For Lucretius, this vision was profoundly consoling: instead of fretting about the gods or worrying about the afterlife, you should focus your attention on this world, the only one you will ever experience, and calmly go about enhancing pleasure for yourself and for everyone around you. But he knew that the news he brought was not unequivocally reassuring. If diseases were not inflicted upon you by angry gods, they nonetheless had to come from somewhere, namely from the same ceaselessly swirling atoms that produced everything else. The seeds of things, he wrote (in Rolfe Humphries’s translation),

Are necessary to support our lives.
By the same token, it is obvious
That all around us noxious particles
Are flying, motes of sickness and of death.

When particles hostile to us begin to move, confusion stirs, “and changes are enforced / In our familiar quarters.” At such times, something strange happens to the world we thought we so intimately knew. The sky above our heads seems at once like itself and alien, and the things that enable existence come to seem deeply threatening. The plague, Lucretius writes,

Falls on the water or the grain fields, falls
On other nourishment of beasts and men,
Or hangs suspended in the very air
From which our breath inhales it, draws it down
All through our bodies.

Small wonder that gloom descends on people’s faces, and that minds become unsettled with melancholy and fear. In “On the Nature of Things,” Lucretius ends with a harrowing account of the devastating epidemic that struck Athens during the Peloponnesian War. That the poem abruptly closes on such a dark note has led many scholars to conclude that Lucretius must have left it unfinished. There was even a legend that he died suddenly from the effects of a love potion, given to him by his wife.

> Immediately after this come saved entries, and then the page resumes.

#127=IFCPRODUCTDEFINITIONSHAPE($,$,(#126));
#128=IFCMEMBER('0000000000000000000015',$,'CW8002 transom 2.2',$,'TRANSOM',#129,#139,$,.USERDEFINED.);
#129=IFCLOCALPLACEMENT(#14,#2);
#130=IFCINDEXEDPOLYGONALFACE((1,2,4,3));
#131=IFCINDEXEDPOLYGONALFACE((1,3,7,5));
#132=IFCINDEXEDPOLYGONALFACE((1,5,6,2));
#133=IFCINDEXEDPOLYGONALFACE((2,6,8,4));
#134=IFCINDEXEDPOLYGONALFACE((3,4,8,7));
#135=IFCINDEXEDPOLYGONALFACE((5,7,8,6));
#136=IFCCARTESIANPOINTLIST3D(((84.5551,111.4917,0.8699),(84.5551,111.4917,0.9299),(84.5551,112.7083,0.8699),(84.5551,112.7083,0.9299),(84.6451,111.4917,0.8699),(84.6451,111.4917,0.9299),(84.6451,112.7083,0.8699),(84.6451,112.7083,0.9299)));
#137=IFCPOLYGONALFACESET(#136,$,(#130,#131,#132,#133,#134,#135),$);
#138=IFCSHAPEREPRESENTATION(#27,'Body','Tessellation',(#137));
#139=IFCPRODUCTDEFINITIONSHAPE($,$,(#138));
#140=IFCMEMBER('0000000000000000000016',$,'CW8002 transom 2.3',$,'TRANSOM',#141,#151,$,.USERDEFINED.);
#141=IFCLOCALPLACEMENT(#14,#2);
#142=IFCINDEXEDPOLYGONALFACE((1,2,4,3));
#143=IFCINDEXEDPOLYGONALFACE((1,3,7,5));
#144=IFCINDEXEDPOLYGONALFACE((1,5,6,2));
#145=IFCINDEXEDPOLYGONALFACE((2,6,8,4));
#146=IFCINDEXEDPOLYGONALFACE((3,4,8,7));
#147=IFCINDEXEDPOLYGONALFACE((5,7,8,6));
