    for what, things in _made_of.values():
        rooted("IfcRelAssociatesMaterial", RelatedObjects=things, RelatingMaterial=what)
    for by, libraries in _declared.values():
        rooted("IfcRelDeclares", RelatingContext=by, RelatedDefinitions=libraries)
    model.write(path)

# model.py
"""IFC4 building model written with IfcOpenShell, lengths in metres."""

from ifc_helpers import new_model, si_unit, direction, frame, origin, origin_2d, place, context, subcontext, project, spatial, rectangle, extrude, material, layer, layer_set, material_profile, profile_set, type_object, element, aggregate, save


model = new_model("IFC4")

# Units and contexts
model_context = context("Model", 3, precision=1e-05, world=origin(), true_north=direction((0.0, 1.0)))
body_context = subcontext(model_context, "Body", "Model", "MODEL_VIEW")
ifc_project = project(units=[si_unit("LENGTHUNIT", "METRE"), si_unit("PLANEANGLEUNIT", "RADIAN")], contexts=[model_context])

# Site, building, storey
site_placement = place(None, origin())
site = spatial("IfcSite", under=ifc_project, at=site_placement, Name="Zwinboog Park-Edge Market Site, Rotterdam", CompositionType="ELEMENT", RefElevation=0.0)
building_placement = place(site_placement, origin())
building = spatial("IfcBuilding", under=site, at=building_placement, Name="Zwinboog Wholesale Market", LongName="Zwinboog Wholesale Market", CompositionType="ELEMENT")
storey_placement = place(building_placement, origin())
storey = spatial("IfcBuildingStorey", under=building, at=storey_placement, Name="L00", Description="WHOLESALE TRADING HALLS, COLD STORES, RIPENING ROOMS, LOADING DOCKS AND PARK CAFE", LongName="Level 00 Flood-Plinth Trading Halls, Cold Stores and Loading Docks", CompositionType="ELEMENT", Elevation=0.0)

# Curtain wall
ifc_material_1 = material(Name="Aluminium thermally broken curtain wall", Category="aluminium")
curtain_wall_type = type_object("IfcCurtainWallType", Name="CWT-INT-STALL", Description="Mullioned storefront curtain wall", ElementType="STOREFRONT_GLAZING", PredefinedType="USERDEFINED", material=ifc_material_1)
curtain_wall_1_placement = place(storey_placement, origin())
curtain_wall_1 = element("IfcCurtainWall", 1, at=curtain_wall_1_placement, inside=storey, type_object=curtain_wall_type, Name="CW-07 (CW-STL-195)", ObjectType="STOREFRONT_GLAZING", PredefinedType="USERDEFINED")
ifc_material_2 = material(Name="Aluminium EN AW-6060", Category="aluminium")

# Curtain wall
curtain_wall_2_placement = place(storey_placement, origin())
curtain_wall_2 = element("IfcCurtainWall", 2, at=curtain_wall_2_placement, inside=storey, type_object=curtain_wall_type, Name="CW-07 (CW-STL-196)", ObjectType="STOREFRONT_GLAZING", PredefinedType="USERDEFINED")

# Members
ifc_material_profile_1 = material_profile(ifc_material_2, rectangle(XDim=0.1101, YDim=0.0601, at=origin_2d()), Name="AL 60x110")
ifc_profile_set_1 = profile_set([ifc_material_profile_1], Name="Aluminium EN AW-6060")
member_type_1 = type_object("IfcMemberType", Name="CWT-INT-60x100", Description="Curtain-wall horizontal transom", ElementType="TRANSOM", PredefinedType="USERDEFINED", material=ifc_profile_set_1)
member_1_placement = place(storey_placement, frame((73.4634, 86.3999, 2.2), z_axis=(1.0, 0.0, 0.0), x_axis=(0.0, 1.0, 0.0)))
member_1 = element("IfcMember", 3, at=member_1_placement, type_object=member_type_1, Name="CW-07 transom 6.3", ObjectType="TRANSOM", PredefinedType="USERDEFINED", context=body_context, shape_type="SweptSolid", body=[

Perhaps this is so. But our current struggle with the COVID-19 pandemic casts the poem’s ending in a different light. A plague, after all, tests us in unique ways. It ruthlessly takes the measure of our values, calls into question our familiar assumptions, shines a pitiless light on our social and political and religious order. As I sit here in my “voluntary self-isolation”—for I have only recently returned to the United States from Italy—I wonder if the poem’s closing focus on epidemic disease might, in fact, have been fully intended. This is precisely the existential challenge, Lucretius thought, that any society worth inhabiting and any philosophy worth embracing must address. When everything is going well, it is easy enough to contemplate our place in the material world. But what if everything is not going well—if mutations in the seeds of things bring disease and death? Only if you can face the invisible bullets all around us, and still keep calm, remain rational, and somehow find it possible to take pleasure in life, have you learned the lesson that the poem set out to teach.

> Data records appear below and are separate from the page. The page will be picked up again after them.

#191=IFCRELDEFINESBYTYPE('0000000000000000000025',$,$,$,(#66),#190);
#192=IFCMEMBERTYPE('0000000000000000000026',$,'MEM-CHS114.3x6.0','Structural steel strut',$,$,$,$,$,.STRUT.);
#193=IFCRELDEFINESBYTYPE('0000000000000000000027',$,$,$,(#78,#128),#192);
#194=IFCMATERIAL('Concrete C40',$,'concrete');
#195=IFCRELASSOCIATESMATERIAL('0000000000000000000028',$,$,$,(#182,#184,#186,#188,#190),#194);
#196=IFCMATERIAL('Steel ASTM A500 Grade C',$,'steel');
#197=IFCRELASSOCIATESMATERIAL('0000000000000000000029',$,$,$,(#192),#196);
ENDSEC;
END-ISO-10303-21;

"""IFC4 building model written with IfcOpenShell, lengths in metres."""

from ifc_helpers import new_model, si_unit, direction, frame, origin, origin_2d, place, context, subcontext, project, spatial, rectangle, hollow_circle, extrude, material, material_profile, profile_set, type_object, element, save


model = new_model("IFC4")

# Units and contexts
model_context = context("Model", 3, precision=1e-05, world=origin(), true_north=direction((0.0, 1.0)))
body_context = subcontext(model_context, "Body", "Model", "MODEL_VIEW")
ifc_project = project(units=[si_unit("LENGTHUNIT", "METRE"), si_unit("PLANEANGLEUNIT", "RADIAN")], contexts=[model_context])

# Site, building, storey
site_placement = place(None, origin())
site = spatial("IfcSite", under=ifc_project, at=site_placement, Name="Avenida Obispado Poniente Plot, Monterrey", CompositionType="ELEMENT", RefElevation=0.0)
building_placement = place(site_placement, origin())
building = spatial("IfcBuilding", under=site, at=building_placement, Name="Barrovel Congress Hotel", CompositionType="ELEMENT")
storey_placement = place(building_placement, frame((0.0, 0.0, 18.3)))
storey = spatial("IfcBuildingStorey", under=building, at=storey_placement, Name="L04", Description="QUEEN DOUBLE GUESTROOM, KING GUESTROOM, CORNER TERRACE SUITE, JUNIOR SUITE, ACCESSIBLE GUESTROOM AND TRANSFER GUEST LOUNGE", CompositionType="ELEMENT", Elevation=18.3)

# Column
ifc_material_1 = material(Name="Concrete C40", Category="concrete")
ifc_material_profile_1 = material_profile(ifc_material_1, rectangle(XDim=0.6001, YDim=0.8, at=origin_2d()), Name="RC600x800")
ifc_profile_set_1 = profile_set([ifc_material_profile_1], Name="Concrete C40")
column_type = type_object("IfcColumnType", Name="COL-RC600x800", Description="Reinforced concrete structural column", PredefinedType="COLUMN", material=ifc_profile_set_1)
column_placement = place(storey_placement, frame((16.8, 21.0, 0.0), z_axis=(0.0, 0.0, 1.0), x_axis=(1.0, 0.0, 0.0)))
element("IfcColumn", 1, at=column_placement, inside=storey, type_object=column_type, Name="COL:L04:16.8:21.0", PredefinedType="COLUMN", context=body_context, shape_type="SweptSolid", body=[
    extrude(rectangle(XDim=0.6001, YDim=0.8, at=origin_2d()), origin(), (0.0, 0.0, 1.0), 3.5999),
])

To judge from the news, most of us seem very far from this Epicurean achievement. But the recent reports from Italy, which detail many of Lucretius’ quarantined countrymen standing out on their balconies and singing in the midst of the plague, give me hope. They remind us that, alongside science, the other realm in which human resilience and inventiveness are at their height is art. In Lucretius, the two are joined: his philosophical disquisition on atoms, pleasure, and the plague takes the form of a poem, a song to be sung.